Gas wells, and in particular sour gas wells with varying quantities of H2S are produced throughout the Western Canada Sedimentary Basin. Even when reservoir pressures deplete, the remaining gas volumes left in the reservoir are usually significant. The challenge is to produce the remaining reserves with low flowing pressures and inconsistent production line pressures.
Sour gas wells are typically completed with a packer in place to isolate the sour production from the annular space between the well casing inside diameter and the outside diameter of the production tubing. The packer prevents sour gas from entering the annulus and corroding the casing string, which is the barrier between the wellbore and any adjacent ground water or aquifer. Additionally, the annulus above the packer is typically filled with inhibited brine solution to enhance corrosion protection and provide an additional barrier preventing migration of sour gas into the annulus.
All gas wells will produce a quantity of liquid during gas production. Liquid loading is a symptom of the well's inability to unload liquids that are naturally produced during the production life of the well and is the most common cause of production decline in a gas well. In addition to liquid loading, there are a number of other reasons why wells will not produce at the maximum level. If a number of wells are drilled into the same reservoir and the gas is depleted at a faster than normal rate, the competitive drainage of the reservoir will reduce production. In a compartmentalized reservoir, where reservoir size is limited because of lack of connectivity between the permeable parts of the formation, there may be production issues.

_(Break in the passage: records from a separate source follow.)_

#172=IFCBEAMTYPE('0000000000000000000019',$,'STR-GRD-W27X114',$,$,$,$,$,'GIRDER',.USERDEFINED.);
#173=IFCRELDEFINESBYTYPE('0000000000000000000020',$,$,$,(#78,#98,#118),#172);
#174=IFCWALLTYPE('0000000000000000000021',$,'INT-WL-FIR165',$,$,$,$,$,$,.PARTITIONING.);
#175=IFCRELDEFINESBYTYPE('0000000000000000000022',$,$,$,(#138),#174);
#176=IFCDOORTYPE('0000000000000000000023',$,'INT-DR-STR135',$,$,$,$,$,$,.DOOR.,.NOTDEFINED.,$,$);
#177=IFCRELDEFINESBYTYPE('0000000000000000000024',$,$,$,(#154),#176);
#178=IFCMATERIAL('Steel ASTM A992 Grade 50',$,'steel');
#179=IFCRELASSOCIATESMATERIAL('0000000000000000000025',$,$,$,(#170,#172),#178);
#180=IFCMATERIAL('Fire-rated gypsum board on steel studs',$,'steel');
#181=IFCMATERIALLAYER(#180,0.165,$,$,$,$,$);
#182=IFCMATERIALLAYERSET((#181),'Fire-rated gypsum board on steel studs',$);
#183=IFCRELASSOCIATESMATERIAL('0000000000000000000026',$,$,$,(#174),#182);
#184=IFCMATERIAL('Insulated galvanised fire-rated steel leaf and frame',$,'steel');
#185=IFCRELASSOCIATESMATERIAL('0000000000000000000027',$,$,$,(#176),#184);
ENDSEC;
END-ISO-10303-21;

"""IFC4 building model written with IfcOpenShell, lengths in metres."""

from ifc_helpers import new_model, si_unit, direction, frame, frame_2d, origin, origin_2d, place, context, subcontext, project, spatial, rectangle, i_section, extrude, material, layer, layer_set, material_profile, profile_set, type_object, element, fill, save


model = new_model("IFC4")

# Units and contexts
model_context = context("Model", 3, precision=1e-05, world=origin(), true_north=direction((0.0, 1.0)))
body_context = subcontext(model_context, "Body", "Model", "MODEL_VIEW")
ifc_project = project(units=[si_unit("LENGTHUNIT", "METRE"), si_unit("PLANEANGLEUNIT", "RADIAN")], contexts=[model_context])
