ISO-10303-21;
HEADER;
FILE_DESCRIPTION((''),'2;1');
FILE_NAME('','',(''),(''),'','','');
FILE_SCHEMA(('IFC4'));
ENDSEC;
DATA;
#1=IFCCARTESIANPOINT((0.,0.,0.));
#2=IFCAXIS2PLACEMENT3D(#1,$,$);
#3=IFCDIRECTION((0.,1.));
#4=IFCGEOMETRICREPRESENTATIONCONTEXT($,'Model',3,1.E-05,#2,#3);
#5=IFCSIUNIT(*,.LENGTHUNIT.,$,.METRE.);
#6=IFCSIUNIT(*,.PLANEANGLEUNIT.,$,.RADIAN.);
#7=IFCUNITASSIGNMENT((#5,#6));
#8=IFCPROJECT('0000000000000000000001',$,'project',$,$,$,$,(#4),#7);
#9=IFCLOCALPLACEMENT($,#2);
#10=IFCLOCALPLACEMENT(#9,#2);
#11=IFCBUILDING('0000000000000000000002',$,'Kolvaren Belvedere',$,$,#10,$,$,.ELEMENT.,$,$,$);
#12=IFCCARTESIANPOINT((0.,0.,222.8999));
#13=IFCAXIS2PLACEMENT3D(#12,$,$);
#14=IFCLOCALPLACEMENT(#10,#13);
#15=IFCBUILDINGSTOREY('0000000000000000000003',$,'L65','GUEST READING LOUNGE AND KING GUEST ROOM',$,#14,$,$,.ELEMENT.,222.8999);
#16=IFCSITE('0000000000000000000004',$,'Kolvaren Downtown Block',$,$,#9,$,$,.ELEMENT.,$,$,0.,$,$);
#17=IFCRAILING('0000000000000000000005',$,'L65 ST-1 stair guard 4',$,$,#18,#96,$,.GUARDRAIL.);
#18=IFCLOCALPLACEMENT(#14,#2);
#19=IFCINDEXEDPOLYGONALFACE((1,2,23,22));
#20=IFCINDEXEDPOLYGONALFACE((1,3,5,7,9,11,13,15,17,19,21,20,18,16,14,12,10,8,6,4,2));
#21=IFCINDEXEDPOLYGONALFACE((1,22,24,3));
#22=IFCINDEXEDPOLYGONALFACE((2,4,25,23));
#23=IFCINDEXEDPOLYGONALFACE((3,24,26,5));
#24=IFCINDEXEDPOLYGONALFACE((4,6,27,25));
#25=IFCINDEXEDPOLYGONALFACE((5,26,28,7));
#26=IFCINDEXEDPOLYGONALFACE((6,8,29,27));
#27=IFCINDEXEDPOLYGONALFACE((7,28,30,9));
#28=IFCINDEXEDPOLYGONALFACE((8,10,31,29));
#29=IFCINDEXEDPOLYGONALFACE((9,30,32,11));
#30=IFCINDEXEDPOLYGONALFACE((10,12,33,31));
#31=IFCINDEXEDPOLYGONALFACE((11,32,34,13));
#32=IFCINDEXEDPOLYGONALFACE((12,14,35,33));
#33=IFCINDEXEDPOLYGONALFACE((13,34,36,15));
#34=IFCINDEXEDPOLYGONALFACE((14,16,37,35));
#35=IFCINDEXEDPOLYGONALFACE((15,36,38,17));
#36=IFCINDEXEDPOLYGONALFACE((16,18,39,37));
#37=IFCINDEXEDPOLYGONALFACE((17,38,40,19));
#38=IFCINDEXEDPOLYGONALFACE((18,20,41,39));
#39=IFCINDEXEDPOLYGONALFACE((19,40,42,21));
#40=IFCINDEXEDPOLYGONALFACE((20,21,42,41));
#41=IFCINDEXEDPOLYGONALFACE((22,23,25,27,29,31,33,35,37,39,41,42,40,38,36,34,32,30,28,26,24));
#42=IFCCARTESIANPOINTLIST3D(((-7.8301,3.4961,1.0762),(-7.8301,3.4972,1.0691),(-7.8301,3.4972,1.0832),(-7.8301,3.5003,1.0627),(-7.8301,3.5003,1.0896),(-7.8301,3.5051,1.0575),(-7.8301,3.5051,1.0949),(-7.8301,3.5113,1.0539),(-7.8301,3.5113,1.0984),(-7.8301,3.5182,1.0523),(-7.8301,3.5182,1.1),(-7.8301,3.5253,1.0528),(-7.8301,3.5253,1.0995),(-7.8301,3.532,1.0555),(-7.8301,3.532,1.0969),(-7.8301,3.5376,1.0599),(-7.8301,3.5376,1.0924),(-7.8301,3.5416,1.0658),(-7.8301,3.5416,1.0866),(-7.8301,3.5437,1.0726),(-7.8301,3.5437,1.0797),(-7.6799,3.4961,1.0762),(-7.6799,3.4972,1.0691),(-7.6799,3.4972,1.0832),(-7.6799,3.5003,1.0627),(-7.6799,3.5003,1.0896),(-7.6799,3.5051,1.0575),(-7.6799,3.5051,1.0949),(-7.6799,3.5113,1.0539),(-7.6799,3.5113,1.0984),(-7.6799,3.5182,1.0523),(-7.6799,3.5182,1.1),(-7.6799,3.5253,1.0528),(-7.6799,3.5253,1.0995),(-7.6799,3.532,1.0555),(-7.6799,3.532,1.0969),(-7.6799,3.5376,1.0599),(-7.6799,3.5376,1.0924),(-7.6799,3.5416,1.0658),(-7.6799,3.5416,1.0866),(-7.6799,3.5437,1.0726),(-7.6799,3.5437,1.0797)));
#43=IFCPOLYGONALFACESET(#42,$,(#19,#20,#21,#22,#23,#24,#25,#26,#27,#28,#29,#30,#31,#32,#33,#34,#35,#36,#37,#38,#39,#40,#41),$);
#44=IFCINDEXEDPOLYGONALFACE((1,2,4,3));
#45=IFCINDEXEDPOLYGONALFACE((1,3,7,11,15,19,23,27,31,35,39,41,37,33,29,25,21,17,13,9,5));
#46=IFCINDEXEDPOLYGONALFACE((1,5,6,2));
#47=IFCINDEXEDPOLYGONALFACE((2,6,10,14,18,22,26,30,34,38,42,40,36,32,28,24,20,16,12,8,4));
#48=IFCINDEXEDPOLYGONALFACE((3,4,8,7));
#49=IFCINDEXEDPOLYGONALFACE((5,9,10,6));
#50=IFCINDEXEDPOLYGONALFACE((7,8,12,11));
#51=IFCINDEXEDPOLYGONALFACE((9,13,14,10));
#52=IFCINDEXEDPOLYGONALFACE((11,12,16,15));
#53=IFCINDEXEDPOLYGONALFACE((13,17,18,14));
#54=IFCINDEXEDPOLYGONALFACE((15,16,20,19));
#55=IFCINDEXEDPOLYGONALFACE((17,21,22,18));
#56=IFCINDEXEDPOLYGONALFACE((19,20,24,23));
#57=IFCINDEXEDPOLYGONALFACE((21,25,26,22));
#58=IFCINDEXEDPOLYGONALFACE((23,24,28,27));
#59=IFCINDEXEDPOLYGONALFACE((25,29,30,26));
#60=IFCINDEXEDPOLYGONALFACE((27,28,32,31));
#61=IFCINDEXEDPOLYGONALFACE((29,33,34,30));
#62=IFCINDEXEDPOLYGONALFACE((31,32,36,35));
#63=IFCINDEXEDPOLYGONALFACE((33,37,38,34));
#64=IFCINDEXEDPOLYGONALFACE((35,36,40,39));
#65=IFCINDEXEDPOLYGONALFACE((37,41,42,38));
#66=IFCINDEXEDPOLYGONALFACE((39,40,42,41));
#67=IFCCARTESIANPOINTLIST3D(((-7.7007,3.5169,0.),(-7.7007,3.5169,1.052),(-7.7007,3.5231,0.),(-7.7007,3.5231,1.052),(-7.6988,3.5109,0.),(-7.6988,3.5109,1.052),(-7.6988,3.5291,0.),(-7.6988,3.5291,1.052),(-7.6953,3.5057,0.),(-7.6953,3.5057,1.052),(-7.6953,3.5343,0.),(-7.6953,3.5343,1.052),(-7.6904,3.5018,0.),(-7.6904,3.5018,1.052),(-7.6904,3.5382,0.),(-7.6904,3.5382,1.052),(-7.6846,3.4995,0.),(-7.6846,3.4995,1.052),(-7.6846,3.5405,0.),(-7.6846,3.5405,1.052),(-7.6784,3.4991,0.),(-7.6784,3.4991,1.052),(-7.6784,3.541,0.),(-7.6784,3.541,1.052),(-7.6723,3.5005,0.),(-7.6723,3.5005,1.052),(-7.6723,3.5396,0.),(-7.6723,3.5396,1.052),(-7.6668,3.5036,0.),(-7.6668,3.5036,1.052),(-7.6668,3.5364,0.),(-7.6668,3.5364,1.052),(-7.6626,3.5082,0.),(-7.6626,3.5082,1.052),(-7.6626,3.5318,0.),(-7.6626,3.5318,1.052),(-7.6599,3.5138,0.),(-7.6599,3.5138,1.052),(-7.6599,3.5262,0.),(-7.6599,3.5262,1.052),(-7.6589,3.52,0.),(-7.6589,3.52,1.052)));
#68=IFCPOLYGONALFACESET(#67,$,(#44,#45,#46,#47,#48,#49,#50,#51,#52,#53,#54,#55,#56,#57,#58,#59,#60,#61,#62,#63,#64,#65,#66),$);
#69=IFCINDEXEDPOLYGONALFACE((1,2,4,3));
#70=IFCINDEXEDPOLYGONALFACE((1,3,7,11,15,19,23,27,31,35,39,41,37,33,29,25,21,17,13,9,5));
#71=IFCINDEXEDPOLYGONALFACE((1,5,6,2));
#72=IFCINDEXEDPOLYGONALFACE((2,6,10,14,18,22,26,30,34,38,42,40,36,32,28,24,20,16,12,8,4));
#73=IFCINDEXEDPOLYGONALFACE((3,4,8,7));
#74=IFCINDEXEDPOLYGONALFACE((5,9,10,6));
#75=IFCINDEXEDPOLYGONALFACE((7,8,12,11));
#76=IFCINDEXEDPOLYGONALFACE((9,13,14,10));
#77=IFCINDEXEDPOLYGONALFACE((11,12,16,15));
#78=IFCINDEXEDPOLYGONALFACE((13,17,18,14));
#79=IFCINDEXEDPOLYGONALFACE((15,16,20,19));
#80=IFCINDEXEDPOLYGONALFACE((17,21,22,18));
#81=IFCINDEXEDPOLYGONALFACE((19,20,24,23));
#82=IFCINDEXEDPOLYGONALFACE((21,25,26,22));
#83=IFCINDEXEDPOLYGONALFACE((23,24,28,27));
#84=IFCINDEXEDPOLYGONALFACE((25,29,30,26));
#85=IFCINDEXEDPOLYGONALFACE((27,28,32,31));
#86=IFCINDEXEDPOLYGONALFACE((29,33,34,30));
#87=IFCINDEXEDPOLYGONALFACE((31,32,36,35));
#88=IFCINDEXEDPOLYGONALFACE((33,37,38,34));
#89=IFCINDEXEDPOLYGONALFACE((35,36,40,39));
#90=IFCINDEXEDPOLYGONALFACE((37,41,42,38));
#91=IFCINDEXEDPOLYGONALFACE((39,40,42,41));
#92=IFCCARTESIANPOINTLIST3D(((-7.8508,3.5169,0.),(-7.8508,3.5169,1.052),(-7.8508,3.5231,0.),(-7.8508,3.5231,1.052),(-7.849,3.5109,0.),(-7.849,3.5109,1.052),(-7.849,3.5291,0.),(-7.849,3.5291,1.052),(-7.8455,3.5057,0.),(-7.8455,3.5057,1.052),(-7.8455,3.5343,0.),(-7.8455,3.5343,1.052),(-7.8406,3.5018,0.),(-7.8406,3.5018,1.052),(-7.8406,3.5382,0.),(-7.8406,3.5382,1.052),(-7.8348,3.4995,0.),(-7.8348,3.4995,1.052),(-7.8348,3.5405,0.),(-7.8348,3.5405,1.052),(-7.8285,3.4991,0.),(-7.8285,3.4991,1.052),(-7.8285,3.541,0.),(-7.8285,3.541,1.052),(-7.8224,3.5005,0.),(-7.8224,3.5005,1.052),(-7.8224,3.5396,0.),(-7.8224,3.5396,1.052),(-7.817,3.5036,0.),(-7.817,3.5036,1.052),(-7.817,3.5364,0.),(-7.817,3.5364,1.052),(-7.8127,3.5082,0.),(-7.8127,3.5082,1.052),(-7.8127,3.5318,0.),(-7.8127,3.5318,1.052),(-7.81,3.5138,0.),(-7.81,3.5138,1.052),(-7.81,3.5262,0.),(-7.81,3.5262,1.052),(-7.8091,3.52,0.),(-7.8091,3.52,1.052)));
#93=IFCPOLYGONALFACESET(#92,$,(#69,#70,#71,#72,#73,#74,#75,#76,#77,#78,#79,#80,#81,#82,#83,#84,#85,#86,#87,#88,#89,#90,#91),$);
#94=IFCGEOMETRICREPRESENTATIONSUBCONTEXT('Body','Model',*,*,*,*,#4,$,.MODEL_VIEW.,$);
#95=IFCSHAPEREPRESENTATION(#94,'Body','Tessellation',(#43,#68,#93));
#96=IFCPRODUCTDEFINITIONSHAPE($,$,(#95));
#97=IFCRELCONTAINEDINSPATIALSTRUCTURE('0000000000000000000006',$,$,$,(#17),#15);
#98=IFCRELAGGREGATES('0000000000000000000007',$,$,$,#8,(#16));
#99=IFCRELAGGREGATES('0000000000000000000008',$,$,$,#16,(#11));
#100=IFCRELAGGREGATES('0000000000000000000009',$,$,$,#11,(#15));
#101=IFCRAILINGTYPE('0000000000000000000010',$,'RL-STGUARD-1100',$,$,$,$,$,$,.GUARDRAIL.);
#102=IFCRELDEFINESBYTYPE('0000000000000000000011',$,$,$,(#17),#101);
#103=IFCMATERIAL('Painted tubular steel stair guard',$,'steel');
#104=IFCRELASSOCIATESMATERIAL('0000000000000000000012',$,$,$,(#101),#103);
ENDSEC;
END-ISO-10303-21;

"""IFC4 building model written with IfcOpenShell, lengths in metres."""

from ifc_helpers import new_model, si_unit, direction, frame, origin, origin_2d, place, context, subcontext, project, spatial, circle, extrude, material, type_object, element, save


model = new_model("IFC4")

# Units and contexts
model_context = context("Model", 3, precision=1e-05, world=origin(), true_north=direction((0.0, 1.0)))
body_context = subcontext(model_context, "Body", "Model", "MODEL_VIEW")
ifc_project = project(units=[si_unit("LENGTHUNIT", "METRE"), si_unit("PLANEANGLEUNIT", "RADIAN")], contexts=[model_context])

# Site, building, storey
site_placement = place(None, origin())
site = spatial("IfcSite", under=ifc_project, at=site_placement, Name="Kolvaren Downtown Block", CompositionType="ELEMENT", RefElevation=0.0)
building_placement = place(site_placement, origin())
building = spatial("IfcBuilding", under=site, at=building_placement, Name="Kolvaren Belvedere", CompositionType="ELEMENT")
storey_placement = place(building_placement, frame((0.0, 0.0, 222.8999)))
storey = spatial("IfcBuildingStorey", under=building, at=storey_placement, Name="L65", Description="GUEST READING LOUNGE AND KING GUEST ROOM", CompositionType="ELEMENT", Elevation=222.8999)

# Railing
ifc_material_1 = material(Name="Painted tubular steel stair guard", Category="steel")
railing_type_1 = type_object("IfcRailingType", Name="RL-STGUARD-1100", PredefinedType="GUARDRAIL", material=ifc_material_1)
railing_1_placement = place(storey_placement, frame((-7.6799, 3.52, 0.0)))
element("IfcRailing", 1, at=railing_1_placement, inside=storey, type_object=railing_type_1, Name="L65 ST-1 stair guard 4", PredefinedType="GUARDRAIL", context=body_context, shape_type="SweptSolid", body=[
    extrude(circle(Radius=0.0239, at=origin_2d()), frame((0.0, 0.0, 1.0762), z_axis=(-1.0, 0.0, 0.0), x_axis=(0.0, -1.0, 0.0)), (0.0, 0.0, 1.0), 0.1501),
    extrude(circle(Radius=0.021, at=origin_2d()), origin(), (0.0, 0.0, 1.0), 1.052),
    extrude(circle(Radius=0.021, at=origin_2d()), frame((-0.1501, 0.0, 0.0)), (0.0, 0.0, 1.0), 1.052),
])

save(model, "model.ifc")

Also, production may be limited because of formation damage caused to the near well bore while drilling the well or on subsequent work over with a service rig or natural near well bore damage may also be caused by liquid loading or natural scaling effects of the produced well effluent.
When a well is initially drilled, it is typically in a virgin part of the reservoir, and therefore reservoir pressures and volumes are usually quite high. The surface production lines that will transport the gas and liquids are operated at pressures that allow the well to flow to surface. The difference between the surface lines pressure and the flowing bottom hole pressure of the well will dictate how much the well can flow. Other factors also relate directly to this such as gas density, friction effect, liquid density and depth of the well. As the well ages and flowing bottom hole pressure depletes, the well will experience reduced flow capability.
It is well known that liquid loading affects gas production when gas velocity drops below the level necessary to carry liquid droplets upwards, known as the critical gas velocity. Critical gas velocity is a function of flowing pressure, fluid and gas density, droplet size, surface tension, temperature and pipe diameter.
One method of increasing gas velocity is to change tubular size or decrease surface pressure, and the effect on the wells ability to unload liquid can be dramatic when such solutions are applied. However, these solutions will only last as long as the bottom reservoir pressure can produce against the new conditions.
Unfortunately for most sour gas wells, the option to change tubulars or decrease surface pressures is often uneconomic, and the well is abandoned long before its usable reserves are depleted. The cost to change out tubulars is high (rig, safety equipment, pump trucks etc.) and there is a significant risk of potential damage to the formation, which may occur as the well has to be killed using a fluid having hydrostatic weight equal or greater than the shut in reservoir pressure. In many cases the depth of the well and the low reservoir pressure will not hold a full column of kill fluid and the fluid will fracture into the formation face, causing damage that cannot be repaired.
Surface pressure may be reduced by using a compressor to reduce the flowing wellhead pressure in the wellbore. The cost is directly related to the size of compressor required to have sufficient suction pressure that allows the well to unload liquid with the elevated velocity required to produce the gas to the gathering system lines. Most compressors for sour gas are required to have numerous safety shutdown systems and expensive coolers to reduce the heat of compressed gas and noise emission controls.
Artificial lift in these wells is difficult to implement. Most types of downhole mechanical or electrical pumps do not work well in a high gas environment due to gas locking and cavitation. The costs of the modifications or additional completion components required to adapt the pumping systems to efficient operation in high gas ratio environments can also be prohibitively expensive.
Therefore, there is a need in the art for an innovative and economical solution to produce gas from these aging reservoirs.